A perennial underground favorite with a large core of die-hard lifelong fans, Fishbone’s commercial profile has soared and plummeted wildly over the course of their lengthy career. The group’s last brush with certifiable Big Time Rawk Stardom came in the early Nineties, with the advent of the Lollapalooza generation and the hit single ‘Sunless Saturday’. A couple of years and trends later found them once again as college-radio staples, a band to get nostalgic about rather than breathlessly awaiting their new release, but they’ve ridden that particular roller coaster since their very first EP came out in ’85. And while more than one major-label employee has probably developed an ulcer over what and how big the next Fishbone single was going to be, the band themselves, judging by both reputation and output, really couldn’t be bothered.

“That’s one thing that we’ve never done,” agrees Fisher. “Everybody was like, ‘you need another ‘Party At Ground Zero’, you need another ‘Sunless Saturday’’, but that’s not the concern at all. Just to move forward.”

He does, however, believe that somewhere in amidst the debris of genres obliterated, there may well be something that could be called ‘the Fishbone sound’, or, at the very least, ‘the Fishbone feel’.

“There may be an overall feeling. Like on this record, in the end, when we looked back, it made me feel like a combination of the first EP and In Your Face. But that wasn’t a conscious effort. We just talked about being the best Fishbone we can be, not trying to be someone else.”

And where, really, on a radio dial crammed with fabricated angst, overzealous Eddie Vedder acolytes, teen pop and the good old bling-bling, would Fishbone, purveyors of Truth and Soul, fit in, should they be driven to try? It doesn’t matter. They’re not.

“It’s a producer game, that’s going on now. It’s not about artistry,” Fisher laments. “We were fortunate enough to witness great artistry through some of the 80’s and 90’s, and now we’ve reached the point where it’s basically about producers, where pop manipulation rules.
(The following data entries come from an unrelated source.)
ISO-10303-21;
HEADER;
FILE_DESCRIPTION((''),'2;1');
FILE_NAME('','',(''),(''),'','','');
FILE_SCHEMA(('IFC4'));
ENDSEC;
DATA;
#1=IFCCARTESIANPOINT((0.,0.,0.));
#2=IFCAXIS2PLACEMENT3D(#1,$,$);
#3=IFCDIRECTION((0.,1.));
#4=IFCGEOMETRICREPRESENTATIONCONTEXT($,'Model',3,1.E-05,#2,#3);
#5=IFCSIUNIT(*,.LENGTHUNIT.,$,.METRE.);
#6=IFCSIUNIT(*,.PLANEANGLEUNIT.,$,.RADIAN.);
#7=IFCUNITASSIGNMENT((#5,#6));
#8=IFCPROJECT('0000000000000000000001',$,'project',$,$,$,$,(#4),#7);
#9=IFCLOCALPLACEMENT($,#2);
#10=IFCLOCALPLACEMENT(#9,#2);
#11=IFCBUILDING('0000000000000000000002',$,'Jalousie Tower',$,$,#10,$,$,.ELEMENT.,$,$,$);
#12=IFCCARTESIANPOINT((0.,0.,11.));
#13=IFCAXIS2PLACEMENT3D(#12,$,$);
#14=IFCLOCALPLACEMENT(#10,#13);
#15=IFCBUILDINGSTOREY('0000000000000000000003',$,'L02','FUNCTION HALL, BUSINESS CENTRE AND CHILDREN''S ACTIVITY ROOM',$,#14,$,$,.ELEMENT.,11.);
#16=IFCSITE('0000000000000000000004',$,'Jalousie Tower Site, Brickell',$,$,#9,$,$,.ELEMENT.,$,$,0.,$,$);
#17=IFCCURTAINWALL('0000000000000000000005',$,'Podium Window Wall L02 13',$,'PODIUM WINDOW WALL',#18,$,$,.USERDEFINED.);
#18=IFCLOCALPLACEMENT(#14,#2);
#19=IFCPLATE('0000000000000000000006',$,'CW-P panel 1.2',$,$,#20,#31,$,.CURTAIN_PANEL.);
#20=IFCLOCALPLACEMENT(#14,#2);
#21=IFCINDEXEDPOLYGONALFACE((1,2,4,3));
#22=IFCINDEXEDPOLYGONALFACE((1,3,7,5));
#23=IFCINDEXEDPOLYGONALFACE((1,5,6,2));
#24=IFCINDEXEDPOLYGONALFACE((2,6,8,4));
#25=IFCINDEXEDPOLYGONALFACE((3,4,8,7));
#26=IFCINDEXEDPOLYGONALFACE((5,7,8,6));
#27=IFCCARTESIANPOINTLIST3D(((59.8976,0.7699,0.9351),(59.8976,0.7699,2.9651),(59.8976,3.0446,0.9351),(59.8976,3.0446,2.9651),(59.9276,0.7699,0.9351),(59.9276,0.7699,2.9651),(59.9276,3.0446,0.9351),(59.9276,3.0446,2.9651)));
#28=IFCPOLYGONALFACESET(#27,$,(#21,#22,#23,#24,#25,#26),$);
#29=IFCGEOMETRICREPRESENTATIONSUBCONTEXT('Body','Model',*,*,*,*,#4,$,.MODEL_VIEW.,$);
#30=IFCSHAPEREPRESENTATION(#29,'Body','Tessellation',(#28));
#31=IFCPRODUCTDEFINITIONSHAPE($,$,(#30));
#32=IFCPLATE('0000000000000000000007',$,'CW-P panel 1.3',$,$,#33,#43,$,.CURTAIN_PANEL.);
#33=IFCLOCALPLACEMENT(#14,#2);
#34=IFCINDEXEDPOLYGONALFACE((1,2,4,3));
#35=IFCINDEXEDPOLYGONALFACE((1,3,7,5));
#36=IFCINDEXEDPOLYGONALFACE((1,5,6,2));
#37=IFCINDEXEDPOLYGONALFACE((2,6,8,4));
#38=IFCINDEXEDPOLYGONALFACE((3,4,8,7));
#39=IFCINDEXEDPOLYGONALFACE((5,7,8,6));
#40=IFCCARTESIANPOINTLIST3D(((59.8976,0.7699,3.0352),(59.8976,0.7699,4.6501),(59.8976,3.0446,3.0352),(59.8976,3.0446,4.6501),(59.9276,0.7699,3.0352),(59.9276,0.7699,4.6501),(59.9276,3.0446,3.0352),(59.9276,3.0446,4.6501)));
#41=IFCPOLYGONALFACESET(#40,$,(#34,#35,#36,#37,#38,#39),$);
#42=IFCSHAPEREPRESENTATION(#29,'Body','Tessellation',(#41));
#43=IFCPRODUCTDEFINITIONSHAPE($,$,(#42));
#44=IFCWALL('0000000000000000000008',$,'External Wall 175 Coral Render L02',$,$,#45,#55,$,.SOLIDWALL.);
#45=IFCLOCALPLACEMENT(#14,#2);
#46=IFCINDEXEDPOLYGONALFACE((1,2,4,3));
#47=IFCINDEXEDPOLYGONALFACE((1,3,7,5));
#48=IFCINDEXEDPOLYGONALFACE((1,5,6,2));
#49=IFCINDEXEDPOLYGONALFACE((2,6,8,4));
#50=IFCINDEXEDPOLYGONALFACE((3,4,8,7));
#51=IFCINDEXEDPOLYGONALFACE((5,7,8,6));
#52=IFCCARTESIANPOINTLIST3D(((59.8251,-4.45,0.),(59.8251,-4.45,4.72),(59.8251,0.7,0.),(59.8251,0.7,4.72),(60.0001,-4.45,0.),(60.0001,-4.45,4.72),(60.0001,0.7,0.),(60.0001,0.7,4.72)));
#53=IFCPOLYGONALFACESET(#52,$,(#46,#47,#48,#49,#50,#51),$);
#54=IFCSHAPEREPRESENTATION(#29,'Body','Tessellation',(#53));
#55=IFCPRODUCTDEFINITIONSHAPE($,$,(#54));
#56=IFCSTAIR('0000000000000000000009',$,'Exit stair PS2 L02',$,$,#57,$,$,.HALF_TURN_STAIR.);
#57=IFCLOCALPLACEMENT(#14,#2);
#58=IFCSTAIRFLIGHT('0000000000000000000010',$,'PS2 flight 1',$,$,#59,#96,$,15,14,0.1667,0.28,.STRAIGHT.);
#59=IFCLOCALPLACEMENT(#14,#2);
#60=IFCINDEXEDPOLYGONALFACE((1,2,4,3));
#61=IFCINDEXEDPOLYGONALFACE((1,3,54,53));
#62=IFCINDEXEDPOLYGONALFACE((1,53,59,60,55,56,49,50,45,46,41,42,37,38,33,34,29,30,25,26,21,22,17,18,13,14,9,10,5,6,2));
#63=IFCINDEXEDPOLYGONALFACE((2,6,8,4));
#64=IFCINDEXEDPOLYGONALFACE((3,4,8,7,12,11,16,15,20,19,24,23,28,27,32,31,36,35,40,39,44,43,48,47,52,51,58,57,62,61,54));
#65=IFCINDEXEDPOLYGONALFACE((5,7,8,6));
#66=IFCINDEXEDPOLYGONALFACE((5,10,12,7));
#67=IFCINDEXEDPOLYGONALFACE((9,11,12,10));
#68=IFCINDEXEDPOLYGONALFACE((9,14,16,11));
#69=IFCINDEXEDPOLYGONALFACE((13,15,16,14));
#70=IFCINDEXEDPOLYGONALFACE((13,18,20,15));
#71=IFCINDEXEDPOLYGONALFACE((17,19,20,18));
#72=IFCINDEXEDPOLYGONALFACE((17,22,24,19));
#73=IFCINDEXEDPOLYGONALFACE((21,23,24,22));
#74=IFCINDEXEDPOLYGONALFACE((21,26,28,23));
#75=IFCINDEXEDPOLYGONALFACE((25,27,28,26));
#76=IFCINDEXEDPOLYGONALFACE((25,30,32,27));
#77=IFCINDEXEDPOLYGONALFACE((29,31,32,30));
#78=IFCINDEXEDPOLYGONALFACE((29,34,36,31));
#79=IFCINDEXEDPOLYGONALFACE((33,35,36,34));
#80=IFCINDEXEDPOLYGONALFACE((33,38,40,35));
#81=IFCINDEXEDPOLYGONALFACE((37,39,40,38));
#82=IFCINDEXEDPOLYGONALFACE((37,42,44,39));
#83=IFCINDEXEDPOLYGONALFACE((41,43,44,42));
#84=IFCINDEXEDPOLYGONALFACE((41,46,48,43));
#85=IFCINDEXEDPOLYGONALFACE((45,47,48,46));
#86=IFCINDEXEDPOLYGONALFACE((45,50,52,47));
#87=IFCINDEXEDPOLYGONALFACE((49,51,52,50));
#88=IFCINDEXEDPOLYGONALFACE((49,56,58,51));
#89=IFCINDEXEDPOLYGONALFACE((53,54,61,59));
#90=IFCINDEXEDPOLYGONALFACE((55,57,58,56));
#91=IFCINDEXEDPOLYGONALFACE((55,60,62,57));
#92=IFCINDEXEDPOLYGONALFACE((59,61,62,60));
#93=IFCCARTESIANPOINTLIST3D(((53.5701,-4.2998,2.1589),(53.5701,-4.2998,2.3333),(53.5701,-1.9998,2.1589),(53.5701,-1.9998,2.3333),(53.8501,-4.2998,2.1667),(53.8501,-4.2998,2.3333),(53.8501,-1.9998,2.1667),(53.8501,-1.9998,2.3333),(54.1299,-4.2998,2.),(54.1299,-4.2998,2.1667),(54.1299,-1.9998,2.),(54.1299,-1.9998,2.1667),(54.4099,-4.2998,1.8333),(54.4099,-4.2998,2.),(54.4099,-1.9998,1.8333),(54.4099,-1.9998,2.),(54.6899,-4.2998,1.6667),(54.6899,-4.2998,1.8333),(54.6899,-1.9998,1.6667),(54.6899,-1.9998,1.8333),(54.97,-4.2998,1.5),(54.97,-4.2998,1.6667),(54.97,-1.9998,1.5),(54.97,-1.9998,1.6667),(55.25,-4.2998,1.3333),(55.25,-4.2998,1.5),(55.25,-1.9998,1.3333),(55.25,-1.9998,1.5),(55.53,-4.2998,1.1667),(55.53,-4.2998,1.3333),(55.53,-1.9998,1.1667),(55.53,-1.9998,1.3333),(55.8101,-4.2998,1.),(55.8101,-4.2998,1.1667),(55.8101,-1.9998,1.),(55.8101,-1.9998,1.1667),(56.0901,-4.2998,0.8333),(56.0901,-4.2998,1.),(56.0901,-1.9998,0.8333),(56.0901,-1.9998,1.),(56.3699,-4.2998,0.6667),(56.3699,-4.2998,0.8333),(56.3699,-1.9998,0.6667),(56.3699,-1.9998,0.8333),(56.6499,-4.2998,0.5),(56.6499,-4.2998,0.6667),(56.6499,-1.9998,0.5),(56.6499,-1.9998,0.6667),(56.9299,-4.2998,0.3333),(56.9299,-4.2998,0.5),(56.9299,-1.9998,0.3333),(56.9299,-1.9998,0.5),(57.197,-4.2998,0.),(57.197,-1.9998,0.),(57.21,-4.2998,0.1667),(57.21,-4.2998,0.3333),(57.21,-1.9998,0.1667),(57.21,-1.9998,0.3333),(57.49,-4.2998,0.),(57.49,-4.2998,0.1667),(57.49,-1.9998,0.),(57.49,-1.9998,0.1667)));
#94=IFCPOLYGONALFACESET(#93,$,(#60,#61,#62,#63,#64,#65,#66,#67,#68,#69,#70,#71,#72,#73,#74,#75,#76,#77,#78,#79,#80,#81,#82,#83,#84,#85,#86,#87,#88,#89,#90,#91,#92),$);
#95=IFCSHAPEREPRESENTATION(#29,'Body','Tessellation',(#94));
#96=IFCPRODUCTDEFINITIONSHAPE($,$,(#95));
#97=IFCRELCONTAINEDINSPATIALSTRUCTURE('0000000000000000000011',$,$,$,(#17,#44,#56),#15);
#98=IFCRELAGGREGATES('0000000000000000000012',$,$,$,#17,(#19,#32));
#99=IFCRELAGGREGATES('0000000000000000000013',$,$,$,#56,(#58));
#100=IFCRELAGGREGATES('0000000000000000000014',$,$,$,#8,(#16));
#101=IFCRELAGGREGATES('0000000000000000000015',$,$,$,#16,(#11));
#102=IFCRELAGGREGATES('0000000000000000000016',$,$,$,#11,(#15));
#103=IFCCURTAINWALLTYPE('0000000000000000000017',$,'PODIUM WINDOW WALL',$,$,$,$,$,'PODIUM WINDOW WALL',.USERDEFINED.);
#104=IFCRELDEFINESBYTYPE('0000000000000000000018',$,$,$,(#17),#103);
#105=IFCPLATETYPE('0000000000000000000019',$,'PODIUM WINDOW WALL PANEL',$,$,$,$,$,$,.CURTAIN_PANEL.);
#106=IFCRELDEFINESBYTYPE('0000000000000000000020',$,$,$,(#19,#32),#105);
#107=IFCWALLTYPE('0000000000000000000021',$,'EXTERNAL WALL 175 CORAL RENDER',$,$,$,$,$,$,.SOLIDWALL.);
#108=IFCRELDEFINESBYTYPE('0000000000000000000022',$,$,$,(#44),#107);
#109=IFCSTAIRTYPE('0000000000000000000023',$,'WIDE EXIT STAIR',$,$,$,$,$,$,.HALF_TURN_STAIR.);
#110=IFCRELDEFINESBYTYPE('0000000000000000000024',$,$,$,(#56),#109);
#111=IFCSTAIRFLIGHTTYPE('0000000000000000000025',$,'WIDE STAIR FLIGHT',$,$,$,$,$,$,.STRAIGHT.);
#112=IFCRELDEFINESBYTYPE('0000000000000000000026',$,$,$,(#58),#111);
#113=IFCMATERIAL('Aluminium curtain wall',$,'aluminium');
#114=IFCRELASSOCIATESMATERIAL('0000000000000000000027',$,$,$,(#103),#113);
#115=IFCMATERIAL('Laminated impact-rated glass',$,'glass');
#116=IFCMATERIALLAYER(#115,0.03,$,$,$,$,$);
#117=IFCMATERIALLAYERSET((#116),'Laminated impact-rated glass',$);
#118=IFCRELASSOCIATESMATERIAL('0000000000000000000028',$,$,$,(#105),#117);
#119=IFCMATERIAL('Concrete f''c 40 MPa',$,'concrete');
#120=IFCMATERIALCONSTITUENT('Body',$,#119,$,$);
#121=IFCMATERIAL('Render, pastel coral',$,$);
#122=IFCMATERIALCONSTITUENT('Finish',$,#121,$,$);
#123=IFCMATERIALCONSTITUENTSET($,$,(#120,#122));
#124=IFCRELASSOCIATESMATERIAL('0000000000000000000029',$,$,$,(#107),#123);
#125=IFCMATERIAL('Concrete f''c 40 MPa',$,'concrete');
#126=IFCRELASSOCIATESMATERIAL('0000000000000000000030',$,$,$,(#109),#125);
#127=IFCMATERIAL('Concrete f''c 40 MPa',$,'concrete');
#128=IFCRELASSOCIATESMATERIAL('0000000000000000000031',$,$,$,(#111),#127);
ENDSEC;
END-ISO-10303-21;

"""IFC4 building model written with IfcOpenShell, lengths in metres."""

from ifc_helpers import new_model, si_unit, direction, frame, frame_2d, origin, origin_2d, place, context, subcontext, project, spatial, polyline, rectangle, outline, extrude, material, layer, layer_set, constituent, constituent_set, type_object, element, aggregate, save


model = new_model("IFC4")

# Units and contexts
model_context = context("Model", 3, precision=1e-05, world=origin(), true_north=direction((0.0, 1.0)))
body_context = subcontext(model_context, "Body", "Model", "MODEL_VIEW")
ifc_project = project(units=[si_unit("LENGTHUNIT", "METRE"), si_unit("PLANEANGLEUNIT", "RADIAN")], contexts=[model_context])

# Site, building, storey
site_placement = place(None, origin())
site = spatial("IfcSite", under=ifc_project, at=site_placement, Name="Jalousie Tower Site, Brickell", CompositionType="ELEMENT", RefElevation=0.0)
building_placement = place(site_placement, origin())
building = spatial("IfcBuilding", under=site, at=building_placement, Name="Jalousie Tower", CompositionType="ELEMENT")
storey_placement = place(building_placement, frame((0.0, 0.0, 11.0)))
storey = spatial("IfcBuildingStorey", under=building, at=storey_placement, Name="L02", Description="FUNCTION HALL, BUSINESS CENTRE AND CHILDREN'S ACTIVITY ROOM", CompositionType="ELEMENT", Elevation=11.0)

# Shared definitions
ifc_material_1 = material(Name="Aluminium curtain wall", Category="aluminium")
curtain_wall_type = type_object("IfcCurtainWallType", Name="PODIUM WINDOW WALL", ElementType="PODIUM WINDOW WALL", PredefinedType="USERDEFINED", material=ifc_material_1)

# Curtain wall
curtain_wall_1_placement = place(storey_placement, origin())
curtain_wall_1 = element("IfcCurtainWall", 1, at=curtain_wall_1_placement, inside=storey, type_object=curtain_wall_type, Name="Podium Window Wall L02 13", ObjectType="PODIUM WINDOW WALL", PredefinedType="USERDEFINED")

# Plates
ifc_material_2 = material(Name="Laminated impact-rated glass", Category="glass")
ifc_layer = layer(ifc_material_2, 0.03)
ifc_layer_set = layer_set([ifc_layer], Name="Laminated impact-rated glass")
plate_type = type_object("IfcPlateType", Name="PODIUM WINDOW WALL PANEL", PredefinedType="CURTAIN_PANEL", material=ifc_layer_set)
plate_1_placement = place(storey_placement, frame((59.9126, 1.9072, 0.9351), z_axis=(0.0, 0.0, 1.0), x_axis=(0.0, 1.0, 0.0)))
plate_1 = element("IfcPlate", 2, at=plate_1_placement, type_object=plate_type, Name="CW-P panel 1.2", PredefinedType="CURTAIN_PANEL", context=body_context, shape_type="SweptSolid", body=[
    extrude(rectangle(XDim=2.2747, YDim=0.03, at=origin_2d()), origin(), (0.0, 0.0, 1.0), 2.03),
])
plate_2_placement = place(storey_placement, frame((59.9126, 1.9072, 3.0352), z_axis=(0.0, 0.0, 1.0), x_axis=(0.0, 1.0, 0.0)))
plate_2 = element("IfcPlate", 3, at=plate_2_placement, type_object=plate_type, Name="CW-P panel 1.3", PredefinedType="CURTAIN_PANEL", context=body_context, shape_type="SweptSolid", body=[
If I was thirteen years old right now, I’d just be feeling like becoming a serial killer, murdering pop stars,” he muses with a laugh.

But Fisher does see a high point in the current commercial music low, both for the future of music in general, and for his network of psychotic friends in particular.
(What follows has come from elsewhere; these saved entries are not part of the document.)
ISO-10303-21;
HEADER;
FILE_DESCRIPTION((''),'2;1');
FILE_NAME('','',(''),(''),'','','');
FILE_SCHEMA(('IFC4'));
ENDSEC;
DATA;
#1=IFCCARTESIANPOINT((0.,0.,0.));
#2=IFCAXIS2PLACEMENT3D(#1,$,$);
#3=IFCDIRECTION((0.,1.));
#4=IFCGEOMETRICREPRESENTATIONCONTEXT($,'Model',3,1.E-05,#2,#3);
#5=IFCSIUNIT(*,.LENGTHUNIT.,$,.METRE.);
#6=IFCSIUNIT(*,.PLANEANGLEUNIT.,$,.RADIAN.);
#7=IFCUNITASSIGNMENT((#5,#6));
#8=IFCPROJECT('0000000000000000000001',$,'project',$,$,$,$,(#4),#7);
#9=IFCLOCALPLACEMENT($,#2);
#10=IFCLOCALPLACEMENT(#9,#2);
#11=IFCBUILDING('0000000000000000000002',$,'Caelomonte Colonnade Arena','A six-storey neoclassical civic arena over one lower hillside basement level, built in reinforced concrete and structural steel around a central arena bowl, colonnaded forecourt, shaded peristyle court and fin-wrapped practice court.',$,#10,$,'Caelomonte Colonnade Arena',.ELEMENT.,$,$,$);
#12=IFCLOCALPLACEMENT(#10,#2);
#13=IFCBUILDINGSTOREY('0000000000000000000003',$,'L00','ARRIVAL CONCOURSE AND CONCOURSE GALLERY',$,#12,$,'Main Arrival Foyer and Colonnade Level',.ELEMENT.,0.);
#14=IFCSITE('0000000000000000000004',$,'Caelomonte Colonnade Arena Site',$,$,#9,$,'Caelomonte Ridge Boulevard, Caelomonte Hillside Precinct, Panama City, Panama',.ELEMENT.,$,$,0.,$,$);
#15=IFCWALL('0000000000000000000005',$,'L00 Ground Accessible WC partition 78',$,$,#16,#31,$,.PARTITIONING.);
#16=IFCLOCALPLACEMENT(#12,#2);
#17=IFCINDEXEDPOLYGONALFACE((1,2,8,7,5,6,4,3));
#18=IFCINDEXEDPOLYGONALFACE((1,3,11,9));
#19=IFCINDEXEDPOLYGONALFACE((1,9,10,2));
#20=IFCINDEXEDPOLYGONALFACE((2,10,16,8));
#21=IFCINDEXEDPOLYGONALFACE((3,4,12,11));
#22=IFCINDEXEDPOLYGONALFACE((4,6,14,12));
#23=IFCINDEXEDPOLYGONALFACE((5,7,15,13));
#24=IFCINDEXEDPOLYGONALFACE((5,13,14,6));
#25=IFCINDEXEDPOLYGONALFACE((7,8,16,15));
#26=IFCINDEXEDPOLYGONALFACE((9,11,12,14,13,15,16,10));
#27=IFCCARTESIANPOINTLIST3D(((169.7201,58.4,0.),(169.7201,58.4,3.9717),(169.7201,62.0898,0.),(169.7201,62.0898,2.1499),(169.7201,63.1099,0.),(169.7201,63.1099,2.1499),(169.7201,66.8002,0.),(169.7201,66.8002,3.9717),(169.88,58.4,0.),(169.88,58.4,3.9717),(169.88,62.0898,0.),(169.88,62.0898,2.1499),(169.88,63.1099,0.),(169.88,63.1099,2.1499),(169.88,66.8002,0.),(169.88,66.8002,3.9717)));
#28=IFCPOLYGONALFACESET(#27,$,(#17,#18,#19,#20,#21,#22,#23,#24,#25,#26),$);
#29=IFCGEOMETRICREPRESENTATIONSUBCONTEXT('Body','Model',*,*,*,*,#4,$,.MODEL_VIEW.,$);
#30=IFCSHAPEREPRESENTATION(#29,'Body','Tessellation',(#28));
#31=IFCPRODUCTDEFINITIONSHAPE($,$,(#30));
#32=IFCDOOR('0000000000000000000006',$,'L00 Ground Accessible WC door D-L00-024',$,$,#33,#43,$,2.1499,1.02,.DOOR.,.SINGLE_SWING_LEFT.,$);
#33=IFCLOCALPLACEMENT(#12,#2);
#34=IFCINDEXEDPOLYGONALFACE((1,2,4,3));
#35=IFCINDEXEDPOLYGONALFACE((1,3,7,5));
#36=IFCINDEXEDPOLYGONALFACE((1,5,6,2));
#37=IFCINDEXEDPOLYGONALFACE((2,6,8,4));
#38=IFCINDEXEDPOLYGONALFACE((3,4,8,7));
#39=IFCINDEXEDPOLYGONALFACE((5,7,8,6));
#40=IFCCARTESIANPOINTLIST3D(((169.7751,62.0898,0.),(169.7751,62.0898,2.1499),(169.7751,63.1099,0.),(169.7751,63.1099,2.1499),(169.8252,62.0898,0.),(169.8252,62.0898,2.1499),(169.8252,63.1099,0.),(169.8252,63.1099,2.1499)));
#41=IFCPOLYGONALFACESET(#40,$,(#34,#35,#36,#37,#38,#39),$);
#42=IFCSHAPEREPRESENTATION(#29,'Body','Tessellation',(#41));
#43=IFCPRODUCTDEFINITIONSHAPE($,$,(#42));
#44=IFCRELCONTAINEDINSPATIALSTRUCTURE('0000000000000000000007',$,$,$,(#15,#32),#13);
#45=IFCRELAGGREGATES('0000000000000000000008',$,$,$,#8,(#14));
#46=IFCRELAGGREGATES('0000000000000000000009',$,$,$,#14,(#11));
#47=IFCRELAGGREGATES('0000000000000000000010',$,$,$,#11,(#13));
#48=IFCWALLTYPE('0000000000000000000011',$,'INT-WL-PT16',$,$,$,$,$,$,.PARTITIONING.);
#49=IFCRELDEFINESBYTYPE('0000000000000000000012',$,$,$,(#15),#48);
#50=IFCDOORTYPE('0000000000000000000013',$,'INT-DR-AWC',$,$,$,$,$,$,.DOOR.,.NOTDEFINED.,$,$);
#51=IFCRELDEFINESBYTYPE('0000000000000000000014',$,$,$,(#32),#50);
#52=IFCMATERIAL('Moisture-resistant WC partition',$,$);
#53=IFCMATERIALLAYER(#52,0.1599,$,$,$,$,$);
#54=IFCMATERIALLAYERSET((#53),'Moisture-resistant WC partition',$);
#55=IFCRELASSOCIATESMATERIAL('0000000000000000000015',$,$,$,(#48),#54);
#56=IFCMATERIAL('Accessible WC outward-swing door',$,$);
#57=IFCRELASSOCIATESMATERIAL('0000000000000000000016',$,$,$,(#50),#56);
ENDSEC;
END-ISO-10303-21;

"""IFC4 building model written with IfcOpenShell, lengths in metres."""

from ifc_helpers import new_model, si_unit, direction, frame, frame_2d, origin, place, context, subcontext, project, spatial, rectangle, extrude, material, layer, layer_set, type_object, element, fill, save


model = new_model("IFC4")

# Units and contexts
model_context = context("Model", 3, precision=1e-05, world=origin(), true_north=direction((0.0, 1.0)))
body_context = subcontext(model_context, "Body", "Model", "MODEL_VIEW")
ifc_project = project(units=[si_unit("LENGTHUNIT", "METRE"), si_unit("PLANEANGLEUNIT", "RADIAN")], contexts=[model_context])

# Site, building, storey
site_placement = place(None, origin())
site = spatial("IfcSite", under=ifc_project, at=site_placement, Name="Caelomonte Colonnade Arena Site", LongName="Caelomonte Ridge Boulevard, Caelomonte Hillside Precinct, Panama City, Panama", CompositionType="ELEMENT", RefElevation=0.0)
building_placement = place(site_placement, origin())
building = spatial("IfcBuilding", under=site, at=building_placement, Name="Caelomonte Colonnade Arena", Description="A six-storey neoclassical civic arena over one lower hillside basement level, built in reinforced concrete and structural steel around a central arena bowl, colonnaded forecourt, shaded peristyle court and fin-wrapped practice court.", LongName="Caelomonte Colonnade Arena", CompositionType="ELEMENT")
storey_placement = place(building_placement, origin())
storey = spatial("IfcBuildingStorey", under=building, at=storey_placement, Name="L00", Description="ARRIVAL CONCOURSE AND CONCOURSE GALLERY", LongName="Main Arrival Foyer and Colonnade Level", CompositionType="ELEMENT", Elevation=0.0)

# Shared definitions
ifc_material_1 = material(Name="Moisture-resistant WC partition")
ifc_layer_1 = layer(ifc_material_1, 0.1599)
ifc_layer_set_1 = layer_set([ifc_layer_1], Name="Moisture-resistant WC partition")
wall_type_1 = type_object("IfcWallType", Name="INT-WL-PT16", PredefinedType="PARTITIONING", material=ifc_layer_set_1)

# Wall, opening, door
wall_1_placement = place(storey_placement, frame((169.8, 58.3999, 0.0), z_axis=(0.0, 0.0, 1.0), x_axis=(0.0, 1.0, 0.0)))
wall_1 = element("IfcWall", 1, at=wall_1_placement, inside=storey, type_object=wall_type_1, Name="L00 Ground Accessible WC partition 78", PredefinedType="PARTITIONING", context=body_context, shape_type="SweptSolid", body=[
    extrude(rectangle(XDim=8.4001, YDim=0.1599, at=frame_2d((4.2002, 0.0))), origin(), (0.0, 0.0, 1.0), 3.9717),
])
opening_1_placement = place(wall_1_placement, frame((3.6899, 0.0, 0.0), z_axis=(0.0, 0.0, 1.0), x_axis=(1.0, 0.0, 0.0)))
opening_1 = element("IfcOpeningElement", 2, at=opening_1_placement, cuts=wall_1, PredefinedType="OPENING", context=body_context, shape_type="SweptSolid", body=[
    extrude(rectangle(XDim=1.02, YDim=2.1499, at=frame_2d((0.51, 1.075))), frame((0.0, 0.0898, 0.0), z_axis=(0.0, -1.0, 0.0), x_axis=(1.0, 0.0, 0.0)), (0.0, 0.0, 1.0), 0.1799),
])
ifc_material_2 = material(Name="Accessible WC outward-swing door")
door_type_1 = type_object("IfcDoorType", Name="INT-DR-AWC", OperationType="NOTDEFINED", PredefinedType="DOOR", material=ifc_material_2)
door_1_placement = place(opening_1_placement, origin())
door_1 = element("IfcDoor", 3, at=door_1_placement, inside=storey, type_object=door_type_1, Name="L00 Ground Accessible WC door D-L00-024", OperationType="SINGLE_SWING_LEFT", OverallHeight=2.1499, OverallWidth=1.02, PredefinedType="DOOR", context=body_context, shape_type="SweptSolid", body=[
    extrude(rectangle(XDim=1.02, YDim=2.1499, at=frame_2d((0.51, 1.075))), frame((0.0, 0.0249, 0.0), z_axis=(0.0, -1.0, 0.0), x_axis=(1.0, 0.0, 0.0)), (0.0, 0.0, 1.0), 0.05),
])
fill(opening_1, door_1)

save(model, "model.ifc")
“One thing that’s for sure, is I know that it’s all going to create a rebellion. That’s why I like it, the fact that all that stuff is happening, because there’s going to be a reaction to it.

“It’s already happening. Somebody is in the underground right now, you know? There’s somebody called Fishbone that’s formulating the next move. We won’t sound like our last record. We wanna dive headfirst into the future. We’re bringing the ‘nutts’ of a different kind.”